R-squared M4 test: -0.5008314590703813
MSE M4 test: 5.299285713750461


### Summary of the results for all models:

In [134]:
# Model 1
print('Model 1:')
print(f"R-squared LR train: {r2_lr_train}")
print(f"MSE LR train: {mse_lr_train}")
print(f"R-squared LR test: {r2_lr_test}")
print(f"MSE LR test: {mse_lr_test}")

# Model 2
print('Model 2:')
print(f"R-squared M2 train: {r2_m2_train}")
print(f"MSE M2 train: {mse_m2_train}")
print(f"R-squared M2 test: {r2_m2_test}")
print(f"MSE M2 test: {mse_m2_test}")

# Model 3
print('Model 3:')
print(f"R-squared M3 train: {r2_m3_train}")
print(f"MSE M3 train: {mse_m3_train}")
print(f"R-squared M3 test: {r2_m3_test}")
print(f"MSE M3 test: {mse_m3_test}")

# Model 4
print('Model 4:')
print(f"R-squared M4 train: {r2_m4_train}")
print(f"MSE M4 train: {mse_m4_train}")
print(f"R-squared M4 test: {r2_m4_test}")
print(f"MSE M4 test: {mse_m4_test}")

Model 1:
R-squared LR train: 0.07830205703630577
MSE LR train: 3.574283999852102
R-squared LR test: -0.04094976975228426
MSE LR test: 3.981963329546853
Model 2:
R-squared M2 train: 0.12631810100435437
MSE M2 train: 3.46542928696957
R-squared M2 test: 0.034573418240980036
MSE M2 test: 3.393193946717903
Model 3:
R-squared M3 train: 0.11741729820068436
MSE M3 train: 3.280639661154502
R-squared M3 test: 0.16316247506340875
MSE M3 test: 3.5690112343454636
Model 4:
R-squared M4 train: 0.3354467327805236
MSE M4 train: 2.6066400653518564
R-squared M4 test: -0.5008314590703813
MSE M4 test: 5.299285713750461


* Are any of the models above underfitting the data? If so, which ones and how can you tell?
* Are any of thhe models above overfitting the data? If so, which ones and how can you tell?
* Which of the above models do you think fits the data best and why?

ANSWERS:

a. Model 1 has the lowest R-squared on trained data and negative on test, MSE is also high compared to some other model, hence underfits the data the most among others.

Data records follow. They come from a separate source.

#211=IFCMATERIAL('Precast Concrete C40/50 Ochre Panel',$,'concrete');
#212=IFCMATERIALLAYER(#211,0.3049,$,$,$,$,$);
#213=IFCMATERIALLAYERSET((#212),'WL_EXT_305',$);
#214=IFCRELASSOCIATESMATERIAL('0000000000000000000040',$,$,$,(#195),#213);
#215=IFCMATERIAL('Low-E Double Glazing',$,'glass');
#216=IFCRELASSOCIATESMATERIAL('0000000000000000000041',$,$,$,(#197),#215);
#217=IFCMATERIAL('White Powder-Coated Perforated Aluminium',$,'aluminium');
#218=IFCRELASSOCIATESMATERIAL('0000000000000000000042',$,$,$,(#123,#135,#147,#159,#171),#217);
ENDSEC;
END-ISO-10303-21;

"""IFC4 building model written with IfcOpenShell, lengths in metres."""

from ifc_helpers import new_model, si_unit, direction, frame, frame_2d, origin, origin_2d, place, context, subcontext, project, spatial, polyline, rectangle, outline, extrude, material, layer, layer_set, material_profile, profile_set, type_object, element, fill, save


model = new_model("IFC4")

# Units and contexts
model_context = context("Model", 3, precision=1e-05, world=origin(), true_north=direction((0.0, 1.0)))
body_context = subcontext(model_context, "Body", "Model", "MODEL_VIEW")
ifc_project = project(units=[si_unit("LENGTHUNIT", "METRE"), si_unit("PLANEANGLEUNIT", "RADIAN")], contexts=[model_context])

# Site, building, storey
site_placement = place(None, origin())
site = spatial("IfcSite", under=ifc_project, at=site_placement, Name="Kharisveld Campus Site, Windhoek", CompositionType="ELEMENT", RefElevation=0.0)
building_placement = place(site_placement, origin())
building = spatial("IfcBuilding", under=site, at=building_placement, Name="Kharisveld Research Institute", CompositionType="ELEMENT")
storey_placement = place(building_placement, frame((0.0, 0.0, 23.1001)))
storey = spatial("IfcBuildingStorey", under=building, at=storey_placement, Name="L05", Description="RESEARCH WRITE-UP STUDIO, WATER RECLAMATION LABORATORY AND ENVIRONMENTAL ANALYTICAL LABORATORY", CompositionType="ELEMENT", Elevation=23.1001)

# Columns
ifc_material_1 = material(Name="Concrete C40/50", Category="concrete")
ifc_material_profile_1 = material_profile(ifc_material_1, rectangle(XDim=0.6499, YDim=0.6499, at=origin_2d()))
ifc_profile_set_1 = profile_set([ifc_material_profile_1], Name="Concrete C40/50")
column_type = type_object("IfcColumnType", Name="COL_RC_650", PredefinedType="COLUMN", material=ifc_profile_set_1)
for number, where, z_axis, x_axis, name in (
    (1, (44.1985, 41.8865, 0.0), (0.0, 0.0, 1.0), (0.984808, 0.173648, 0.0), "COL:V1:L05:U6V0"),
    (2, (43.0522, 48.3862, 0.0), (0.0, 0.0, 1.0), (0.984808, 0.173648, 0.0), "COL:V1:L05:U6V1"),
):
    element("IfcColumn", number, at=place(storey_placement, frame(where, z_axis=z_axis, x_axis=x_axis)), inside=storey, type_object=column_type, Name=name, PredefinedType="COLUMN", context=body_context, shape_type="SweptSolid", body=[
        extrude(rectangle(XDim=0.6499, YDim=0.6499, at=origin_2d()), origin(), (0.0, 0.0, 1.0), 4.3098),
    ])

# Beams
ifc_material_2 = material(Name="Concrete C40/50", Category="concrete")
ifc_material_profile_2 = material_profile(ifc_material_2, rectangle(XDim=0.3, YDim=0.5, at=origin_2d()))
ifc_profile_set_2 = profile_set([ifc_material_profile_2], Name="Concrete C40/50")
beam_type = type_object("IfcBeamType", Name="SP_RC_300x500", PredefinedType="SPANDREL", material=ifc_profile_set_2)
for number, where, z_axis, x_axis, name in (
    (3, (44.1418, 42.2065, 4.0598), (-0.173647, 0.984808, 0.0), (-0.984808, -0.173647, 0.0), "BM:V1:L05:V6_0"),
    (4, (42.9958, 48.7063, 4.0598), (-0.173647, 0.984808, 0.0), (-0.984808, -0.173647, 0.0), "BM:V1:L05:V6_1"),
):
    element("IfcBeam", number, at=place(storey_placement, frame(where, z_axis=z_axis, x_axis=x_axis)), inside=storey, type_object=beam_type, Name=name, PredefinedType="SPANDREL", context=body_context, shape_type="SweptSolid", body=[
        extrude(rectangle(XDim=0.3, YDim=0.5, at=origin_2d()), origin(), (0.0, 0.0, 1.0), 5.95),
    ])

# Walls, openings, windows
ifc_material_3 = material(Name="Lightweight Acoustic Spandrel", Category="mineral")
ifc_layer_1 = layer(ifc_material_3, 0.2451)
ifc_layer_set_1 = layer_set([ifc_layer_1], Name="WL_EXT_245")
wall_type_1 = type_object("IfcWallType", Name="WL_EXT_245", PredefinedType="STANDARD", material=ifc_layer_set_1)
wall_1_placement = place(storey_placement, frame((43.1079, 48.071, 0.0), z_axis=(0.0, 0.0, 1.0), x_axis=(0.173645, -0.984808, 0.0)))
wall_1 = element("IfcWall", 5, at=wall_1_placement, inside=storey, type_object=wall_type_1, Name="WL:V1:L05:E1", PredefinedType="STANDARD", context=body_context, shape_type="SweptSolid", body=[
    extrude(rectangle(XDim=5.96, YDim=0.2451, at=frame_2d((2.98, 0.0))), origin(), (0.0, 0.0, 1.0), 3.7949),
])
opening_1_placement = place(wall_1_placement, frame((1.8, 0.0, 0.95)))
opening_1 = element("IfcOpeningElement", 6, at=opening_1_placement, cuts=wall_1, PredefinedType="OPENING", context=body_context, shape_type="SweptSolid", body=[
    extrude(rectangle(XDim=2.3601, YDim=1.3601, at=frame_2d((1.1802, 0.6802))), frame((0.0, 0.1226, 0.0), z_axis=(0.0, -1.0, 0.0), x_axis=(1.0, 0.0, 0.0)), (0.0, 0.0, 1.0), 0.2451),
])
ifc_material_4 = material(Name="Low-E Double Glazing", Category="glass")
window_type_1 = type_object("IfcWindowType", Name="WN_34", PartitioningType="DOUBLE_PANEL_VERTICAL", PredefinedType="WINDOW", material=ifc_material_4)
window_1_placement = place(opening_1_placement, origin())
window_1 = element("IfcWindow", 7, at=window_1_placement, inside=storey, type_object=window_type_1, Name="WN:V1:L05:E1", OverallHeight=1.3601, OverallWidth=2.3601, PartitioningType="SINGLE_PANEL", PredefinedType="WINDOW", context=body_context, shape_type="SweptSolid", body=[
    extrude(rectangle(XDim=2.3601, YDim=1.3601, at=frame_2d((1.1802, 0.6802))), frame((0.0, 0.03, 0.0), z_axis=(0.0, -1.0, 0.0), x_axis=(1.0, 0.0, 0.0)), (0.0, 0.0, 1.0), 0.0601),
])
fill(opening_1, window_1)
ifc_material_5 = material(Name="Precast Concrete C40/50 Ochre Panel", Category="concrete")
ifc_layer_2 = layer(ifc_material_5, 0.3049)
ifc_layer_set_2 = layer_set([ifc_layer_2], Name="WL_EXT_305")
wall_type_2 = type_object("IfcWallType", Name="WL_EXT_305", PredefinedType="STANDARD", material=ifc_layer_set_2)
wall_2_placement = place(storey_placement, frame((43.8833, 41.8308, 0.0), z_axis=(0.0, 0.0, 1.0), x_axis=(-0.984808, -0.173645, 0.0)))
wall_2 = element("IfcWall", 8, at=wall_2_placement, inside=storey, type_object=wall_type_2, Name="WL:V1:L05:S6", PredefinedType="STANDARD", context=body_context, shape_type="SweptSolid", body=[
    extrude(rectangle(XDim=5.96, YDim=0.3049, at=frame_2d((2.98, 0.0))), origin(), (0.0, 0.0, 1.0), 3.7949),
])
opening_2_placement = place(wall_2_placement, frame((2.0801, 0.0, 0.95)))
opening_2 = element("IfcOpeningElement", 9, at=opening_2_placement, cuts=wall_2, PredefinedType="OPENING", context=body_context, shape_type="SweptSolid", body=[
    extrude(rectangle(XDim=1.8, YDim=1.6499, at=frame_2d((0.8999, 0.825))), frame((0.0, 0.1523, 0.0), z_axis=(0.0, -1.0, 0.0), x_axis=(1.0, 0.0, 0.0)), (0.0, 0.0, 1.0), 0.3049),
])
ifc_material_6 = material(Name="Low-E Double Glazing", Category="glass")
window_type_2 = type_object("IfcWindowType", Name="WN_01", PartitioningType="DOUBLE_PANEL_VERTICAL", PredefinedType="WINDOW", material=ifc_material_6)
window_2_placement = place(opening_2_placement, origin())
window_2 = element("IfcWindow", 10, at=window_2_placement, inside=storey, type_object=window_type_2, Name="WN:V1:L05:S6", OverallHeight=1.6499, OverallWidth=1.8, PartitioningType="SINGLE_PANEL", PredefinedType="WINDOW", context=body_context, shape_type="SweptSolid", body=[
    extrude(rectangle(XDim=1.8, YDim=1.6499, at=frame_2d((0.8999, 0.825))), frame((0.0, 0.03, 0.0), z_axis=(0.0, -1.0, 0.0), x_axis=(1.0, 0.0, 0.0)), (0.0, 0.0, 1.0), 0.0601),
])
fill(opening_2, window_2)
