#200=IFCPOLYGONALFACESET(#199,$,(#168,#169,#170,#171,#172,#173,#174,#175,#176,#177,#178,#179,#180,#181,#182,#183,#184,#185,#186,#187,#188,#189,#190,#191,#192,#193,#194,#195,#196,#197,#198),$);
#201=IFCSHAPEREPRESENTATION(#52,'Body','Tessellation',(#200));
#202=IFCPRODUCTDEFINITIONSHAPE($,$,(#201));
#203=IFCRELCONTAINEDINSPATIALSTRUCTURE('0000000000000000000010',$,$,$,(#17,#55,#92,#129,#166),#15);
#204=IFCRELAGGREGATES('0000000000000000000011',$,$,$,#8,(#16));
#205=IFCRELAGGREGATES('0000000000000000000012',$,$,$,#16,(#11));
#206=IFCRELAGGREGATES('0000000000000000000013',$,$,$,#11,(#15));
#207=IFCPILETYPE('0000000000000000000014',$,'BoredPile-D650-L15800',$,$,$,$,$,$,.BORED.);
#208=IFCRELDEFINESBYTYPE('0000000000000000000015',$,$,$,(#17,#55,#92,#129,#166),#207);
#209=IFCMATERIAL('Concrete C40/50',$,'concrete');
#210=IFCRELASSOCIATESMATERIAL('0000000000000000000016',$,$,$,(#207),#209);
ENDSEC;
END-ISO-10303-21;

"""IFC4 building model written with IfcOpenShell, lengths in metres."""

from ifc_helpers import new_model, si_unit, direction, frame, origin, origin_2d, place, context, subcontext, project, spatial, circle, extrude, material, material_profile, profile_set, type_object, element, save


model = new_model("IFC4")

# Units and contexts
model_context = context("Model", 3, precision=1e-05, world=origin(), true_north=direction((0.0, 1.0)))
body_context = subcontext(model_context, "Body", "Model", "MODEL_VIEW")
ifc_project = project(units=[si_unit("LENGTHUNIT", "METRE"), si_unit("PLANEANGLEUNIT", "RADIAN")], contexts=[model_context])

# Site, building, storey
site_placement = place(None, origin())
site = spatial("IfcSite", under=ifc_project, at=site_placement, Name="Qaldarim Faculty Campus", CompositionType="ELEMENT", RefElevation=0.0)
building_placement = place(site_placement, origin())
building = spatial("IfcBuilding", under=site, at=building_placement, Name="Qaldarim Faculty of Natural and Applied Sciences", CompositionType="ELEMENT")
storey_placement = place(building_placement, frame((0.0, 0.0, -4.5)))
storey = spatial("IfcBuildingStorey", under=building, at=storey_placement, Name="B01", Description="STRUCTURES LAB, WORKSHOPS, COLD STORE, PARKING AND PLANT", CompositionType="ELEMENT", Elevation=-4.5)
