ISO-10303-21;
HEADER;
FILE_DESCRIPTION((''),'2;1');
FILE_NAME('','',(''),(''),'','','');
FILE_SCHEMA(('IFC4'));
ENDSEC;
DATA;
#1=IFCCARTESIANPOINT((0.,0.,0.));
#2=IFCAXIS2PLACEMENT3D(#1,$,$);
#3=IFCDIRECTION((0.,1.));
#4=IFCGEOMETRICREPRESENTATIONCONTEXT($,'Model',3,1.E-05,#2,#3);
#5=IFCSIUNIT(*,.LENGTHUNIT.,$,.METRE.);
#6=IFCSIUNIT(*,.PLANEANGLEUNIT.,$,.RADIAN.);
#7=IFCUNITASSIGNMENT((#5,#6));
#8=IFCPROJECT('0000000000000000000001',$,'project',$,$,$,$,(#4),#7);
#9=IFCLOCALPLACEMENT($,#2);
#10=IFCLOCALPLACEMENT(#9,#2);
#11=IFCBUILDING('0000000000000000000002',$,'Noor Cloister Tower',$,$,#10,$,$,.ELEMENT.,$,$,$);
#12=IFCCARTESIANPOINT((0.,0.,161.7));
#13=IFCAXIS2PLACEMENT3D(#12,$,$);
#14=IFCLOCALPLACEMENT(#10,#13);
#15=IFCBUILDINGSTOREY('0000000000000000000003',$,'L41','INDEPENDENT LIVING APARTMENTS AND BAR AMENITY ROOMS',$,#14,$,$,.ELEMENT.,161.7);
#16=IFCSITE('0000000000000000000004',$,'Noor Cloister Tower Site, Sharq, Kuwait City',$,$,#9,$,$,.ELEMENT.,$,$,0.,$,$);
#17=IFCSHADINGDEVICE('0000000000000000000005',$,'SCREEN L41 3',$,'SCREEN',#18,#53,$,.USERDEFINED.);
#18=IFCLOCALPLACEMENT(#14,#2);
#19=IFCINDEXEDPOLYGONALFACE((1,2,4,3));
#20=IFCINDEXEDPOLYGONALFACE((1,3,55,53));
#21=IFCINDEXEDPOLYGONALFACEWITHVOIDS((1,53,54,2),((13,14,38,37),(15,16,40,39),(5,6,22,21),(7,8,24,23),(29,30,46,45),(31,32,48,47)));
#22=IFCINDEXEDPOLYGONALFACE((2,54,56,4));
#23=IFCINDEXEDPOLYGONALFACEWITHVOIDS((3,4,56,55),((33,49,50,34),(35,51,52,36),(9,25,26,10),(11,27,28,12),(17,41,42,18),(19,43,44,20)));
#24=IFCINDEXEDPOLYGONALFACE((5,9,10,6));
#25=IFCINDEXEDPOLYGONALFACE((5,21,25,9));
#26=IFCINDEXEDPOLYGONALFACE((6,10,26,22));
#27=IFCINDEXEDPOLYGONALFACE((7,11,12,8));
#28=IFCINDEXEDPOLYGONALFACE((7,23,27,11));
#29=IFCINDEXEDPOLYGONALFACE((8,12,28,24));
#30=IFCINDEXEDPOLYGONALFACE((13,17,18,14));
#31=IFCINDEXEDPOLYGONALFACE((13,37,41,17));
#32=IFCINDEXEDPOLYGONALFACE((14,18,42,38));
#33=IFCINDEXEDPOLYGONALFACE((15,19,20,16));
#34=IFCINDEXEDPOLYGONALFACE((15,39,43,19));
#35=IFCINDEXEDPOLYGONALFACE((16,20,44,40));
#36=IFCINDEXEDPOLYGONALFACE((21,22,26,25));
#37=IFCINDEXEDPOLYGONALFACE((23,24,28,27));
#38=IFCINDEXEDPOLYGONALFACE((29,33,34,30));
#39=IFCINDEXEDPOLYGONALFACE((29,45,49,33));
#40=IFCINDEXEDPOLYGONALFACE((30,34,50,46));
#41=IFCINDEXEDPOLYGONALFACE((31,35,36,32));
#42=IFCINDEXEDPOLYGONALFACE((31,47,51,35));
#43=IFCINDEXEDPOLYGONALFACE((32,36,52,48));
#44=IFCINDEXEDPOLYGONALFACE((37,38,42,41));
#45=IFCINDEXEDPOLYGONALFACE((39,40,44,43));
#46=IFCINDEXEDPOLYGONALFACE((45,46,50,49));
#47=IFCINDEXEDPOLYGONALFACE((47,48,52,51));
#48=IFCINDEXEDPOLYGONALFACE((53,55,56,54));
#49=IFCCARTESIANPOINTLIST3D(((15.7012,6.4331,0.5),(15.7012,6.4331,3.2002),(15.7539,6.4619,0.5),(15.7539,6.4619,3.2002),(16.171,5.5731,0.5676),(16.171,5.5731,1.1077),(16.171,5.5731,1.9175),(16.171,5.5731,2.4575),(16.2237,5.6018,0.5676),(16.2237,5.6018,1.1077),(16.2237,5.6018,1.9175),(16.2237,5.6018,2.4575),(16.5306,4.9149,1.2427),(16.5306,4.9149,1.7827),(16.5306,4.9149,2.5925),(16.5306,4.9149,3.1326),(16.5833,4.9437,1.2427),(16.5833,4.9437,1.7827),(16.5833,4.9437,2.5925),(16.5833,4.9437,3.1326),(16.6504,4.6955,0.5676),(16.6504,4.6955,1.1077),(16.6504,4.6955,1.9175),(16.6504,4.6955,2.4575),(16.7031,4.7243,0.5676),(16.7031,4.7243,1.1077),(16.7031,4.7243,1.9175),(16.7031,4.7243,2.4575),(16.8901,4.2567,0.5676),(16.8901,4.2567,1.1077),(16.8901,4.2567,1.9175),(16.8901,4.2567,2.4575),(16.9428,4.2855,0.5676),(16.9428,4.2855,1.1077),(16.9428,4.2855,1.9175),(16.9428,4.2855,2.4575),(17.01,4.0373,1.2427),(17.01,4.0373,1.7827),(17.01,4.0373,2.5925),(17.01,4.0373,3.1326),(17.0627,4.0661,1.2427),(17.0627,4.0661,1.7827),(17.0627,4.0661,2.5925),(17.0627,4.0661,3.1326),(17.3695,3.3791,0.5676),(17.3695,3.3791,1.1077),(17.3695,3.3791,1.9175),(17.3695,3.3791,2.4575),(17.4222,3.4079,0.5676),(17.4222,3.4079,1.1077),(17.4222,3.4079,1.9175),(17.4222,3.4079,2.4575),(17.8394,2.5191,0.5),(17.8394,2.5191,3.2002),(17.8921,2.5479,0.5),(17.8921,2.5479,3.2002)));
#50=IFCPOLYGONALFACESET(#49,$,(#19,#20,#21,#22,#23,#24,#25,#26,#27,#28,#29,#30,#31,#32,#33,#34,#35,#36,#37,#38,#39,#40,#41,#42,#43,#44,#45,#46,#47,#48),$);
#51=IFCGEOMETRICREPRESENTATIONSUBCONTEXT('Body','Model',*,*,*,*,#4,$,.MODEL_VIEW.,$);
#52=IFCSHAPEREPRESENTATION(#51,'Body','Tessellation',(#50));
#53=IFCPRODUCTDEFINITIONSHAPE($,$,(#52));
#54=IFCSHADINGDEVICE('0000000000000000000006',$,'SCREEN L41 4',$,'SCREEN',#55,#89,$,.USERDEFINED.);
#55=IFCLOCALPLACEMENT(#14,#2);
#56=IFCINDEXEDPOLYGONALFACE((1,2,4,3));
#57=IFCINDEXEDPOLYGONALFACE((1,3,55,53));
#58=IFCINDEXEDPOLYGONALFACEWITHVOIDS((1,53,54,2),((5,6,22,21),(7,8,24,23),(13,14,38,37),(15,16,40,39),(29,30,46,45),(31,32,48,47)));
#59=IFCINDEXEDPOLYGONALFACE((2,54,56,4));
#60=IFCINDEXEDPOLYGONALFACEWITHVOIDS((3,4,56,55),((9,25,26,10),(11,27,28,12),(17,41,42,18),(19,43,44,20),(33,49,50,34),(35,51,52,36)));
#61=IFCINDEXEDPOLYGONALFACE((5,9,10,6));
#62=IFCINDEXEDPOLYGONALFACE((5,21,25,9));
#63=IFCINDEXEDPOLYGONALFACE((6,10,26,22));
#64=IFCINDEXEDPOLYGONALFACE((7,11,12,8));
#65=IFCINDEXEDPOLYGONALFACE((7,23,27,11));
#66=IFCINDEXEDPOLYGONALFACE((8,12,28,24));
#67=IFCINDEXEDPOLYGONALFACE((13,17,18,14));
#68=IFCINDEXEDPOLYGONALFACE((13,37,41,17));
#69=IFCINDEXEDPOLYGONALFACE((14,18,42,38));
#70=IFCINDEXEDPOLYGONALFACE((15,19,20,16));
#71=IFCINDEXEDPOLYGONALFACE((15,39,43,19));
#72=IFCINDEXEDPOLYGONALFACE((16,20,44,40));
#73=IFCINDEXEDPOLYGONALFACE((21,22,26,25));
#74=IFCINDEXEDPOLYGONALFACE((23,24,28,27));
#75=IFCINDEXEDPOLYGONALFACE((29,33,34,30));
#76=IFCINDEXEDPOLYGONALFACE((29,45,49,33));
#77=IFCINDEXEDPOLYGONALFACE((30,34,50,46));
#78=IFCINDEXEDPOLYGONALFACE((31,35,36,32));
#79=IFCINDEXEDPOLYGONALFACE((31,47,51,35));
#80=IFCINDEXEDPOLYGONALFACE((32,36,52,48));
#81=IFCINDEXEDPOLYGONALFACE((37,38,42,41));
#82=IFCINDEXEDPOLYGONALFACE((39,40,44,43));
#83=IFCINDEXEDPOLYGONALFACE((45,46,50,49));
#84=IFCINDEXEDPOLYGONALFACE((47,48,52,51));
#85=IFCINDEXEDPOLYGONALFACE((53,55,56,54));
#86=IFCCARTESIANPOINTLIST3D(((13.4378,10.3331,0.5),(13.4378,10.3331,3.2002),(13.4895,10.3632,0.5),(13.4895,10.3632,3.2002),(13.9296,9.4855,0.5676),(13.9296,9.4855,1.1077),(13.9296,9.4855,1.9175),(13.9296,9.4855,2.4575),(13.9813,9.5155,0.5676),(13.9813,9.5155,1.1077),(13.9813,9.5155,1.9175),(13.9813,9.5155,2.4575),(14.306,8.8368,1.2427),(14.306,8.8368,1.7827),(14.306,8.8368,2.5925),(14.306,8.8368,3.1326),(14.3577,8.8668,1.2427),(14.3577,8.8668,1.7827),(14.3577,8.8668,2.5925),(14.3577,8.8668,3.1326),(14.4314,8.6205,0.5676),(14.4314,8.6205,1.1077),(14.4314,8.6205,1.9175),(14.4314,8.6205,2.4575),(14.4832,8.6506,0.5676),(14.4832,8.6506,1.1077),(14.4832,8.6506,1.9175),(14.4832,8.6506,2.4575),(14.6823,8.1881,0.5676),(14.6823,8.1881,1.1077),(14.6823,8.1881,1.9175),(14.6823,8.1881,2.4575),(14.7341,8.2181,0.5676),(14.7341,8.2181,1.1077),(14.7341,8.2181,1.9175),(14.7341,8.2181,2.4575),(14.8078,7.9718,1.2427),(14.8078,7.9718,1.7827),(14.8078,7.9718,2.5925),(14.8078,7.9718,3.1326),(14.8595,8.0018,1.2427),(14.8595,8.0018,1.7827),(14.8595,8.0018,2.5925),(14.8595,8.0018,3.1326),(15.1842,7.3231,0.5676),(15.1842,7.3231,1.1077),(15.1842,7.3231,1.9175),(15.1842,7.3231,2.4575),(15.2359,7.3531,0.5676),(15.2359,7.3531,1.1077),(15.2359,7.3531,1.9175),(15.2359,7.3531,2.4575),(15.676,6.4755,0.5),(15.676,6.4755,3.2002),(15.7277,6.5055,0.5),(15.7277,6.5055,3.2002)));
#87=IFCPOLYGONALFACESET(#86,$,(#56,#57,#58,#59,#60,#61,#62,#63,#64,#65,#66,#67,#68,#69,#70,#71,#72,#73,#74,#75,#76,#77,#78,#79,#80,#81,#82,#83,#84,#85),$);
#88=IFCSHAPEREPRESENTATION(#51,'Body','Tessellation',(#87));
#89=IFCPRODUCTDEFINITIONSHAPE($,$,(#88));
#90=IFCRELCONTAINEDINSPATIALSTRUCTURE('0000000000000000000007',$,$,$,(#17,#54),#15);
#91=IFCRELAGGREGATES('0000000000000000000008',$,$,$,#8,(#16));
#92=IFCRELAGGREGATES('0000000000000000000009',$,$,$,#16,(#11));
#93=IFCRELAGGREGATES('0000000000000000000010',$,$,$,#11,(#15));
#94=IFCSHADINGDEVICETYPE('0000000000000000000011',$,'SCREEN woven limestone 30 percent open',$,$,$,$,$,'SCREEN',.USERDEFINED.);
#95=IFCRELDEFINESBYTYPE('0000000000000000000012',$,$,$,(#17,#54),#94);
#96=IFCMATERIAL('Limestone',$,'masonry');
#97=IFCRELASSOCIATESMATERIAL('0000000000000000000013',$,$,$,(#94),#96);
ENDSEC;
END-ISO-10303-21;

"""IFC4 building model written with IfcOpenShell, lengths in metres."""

from ifc_helpers import new_model, si_unit, direction, frame, origin, place, context, subcontext, project, spatial, polyline, outline, extrude, material, material_profile, profile_set, type_object, element, save


model = new_model("IFC4")

# Units and contexts
model_context = context("Model", 3, precision=1e-05, world=origin(), true_north=direction((0.0, 1.0)))
body_context = subcontext(model_context, "Body", "Model", "MODEL_VIEW")
ifc_project = project(units=[si_unit("LENGTHUNIT", "METRE"), si_unit("PLANEANGLEUNIT", "RADIAN")], contexts=[model_context])

# Site, building, storey
site_placement = place(None, origin())
site = spatial("IfcSite", under=ifc_project, at=site_placement, Name="Noor Cloister Tower Site, Sharq, Kuwait City", CompositionType="ELEMENT", RefElevation=0.0)
building_placement = place(site_placement, origin())
building = spatial("IfcBuilding", under=site, at=building_placement, Name="Noor Cloister Tower", CompositionType="ELEMENT")
storey_placement = place(building_placement, frame((0.0, 0.0, 161.7)))
storey = spatial("IfcBuildingStorey", under=building, at=storey_placement, Name="L41", Description="INDEPENDENT LIVING APARTMENTS AND BAR AMENITY ROOMS", CompositionType="ELEMENT", Elevation=161.7)

# Shading devices
ifc_material_1 = material(Name="Limestone", Category="masonry")
ifc_material_profile_1 = material_profile(ifc_material_1, outline(polyline([(-2.23, -1.3501), (2.23, -1.3501), (2.23, 1.3501), (-2.23, 1.3501), (-2.23, -1.3501)]), holes=[polyline([(-1.25, -1.2825), (-0.25, -1.2825), (-0.25, -0.7424), (-1.25, -0.7424), (-1.25, -1.2825)]), polyline([(0.25, -1.2825), (1.25, -1.2825), (1.25, -0.7424), (0.25, -0.7424), (0.25, -1.2825)]), polyline([(-0.5, -0.6074), (0.5, -0.6074), (0.5, -0.0674), (-0.5, -0.0674), (-0.5, -0.6074)]), polyline([(-1.25, 0.0674), (-0.25, 0.0674), (-0.25, 0.6074), (-1.25, 0.6074), (-1.25, 0.0674)]), polyline([(0.25, 0.0674), (1.25, 0.0674), (1.25, 0.6074), (0.25, 0.6074), (0.25, 0.0674)]), polyline([(-0.5, 0.7424), (0.5, 0.7424), (0.5, 1.2825), (-0.5, 1.2825), (-0.5, 0.7424)])]), Name="Woven screen 30 percent open")
ifc_profile_set_1 = profile_set([ifc_material_profile_1], Name="Limestone")
shading_device_type = type_object("IfcShadingDeviceType", Name="SCREEN woven limestone 30 percent open", ElementType="SCREEN", PredefinedType="USERDEFINED", material=ifc_profile_set_1)
for number, where, z_axis, x_axis, name in (
    (1, (16.7703, 4.4761, 1.8501), (0.877585, 0.479421, 0.0), (-0.479421, 0.877585, 0.0), "SCREEN L41 3"),
):
    element("IfcShadingDevice", number, at=place(storey_placement, frame(where, z_axis=z_axis, x_axis=x_axis)), inside=storey, type_object=shading_device_type, Name=name, ObjectType="SCREEN", PredefinedType="USERDEFINED", context=body_context, shape_type="SweptSolid", body=[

b. Model 4 with it's extensive predictor variable transformation (same variable multiple times) can be considered as overfitting with significant disrepancy between R-squared and MSE scores on the training vs test data.

c. Model 3 (Cubic) looks like a better overall choice, because it has the highest R-squared on test data, but also second lowest MSE on test data. Also the training R-squared and MSE are relatively close to the test metrics.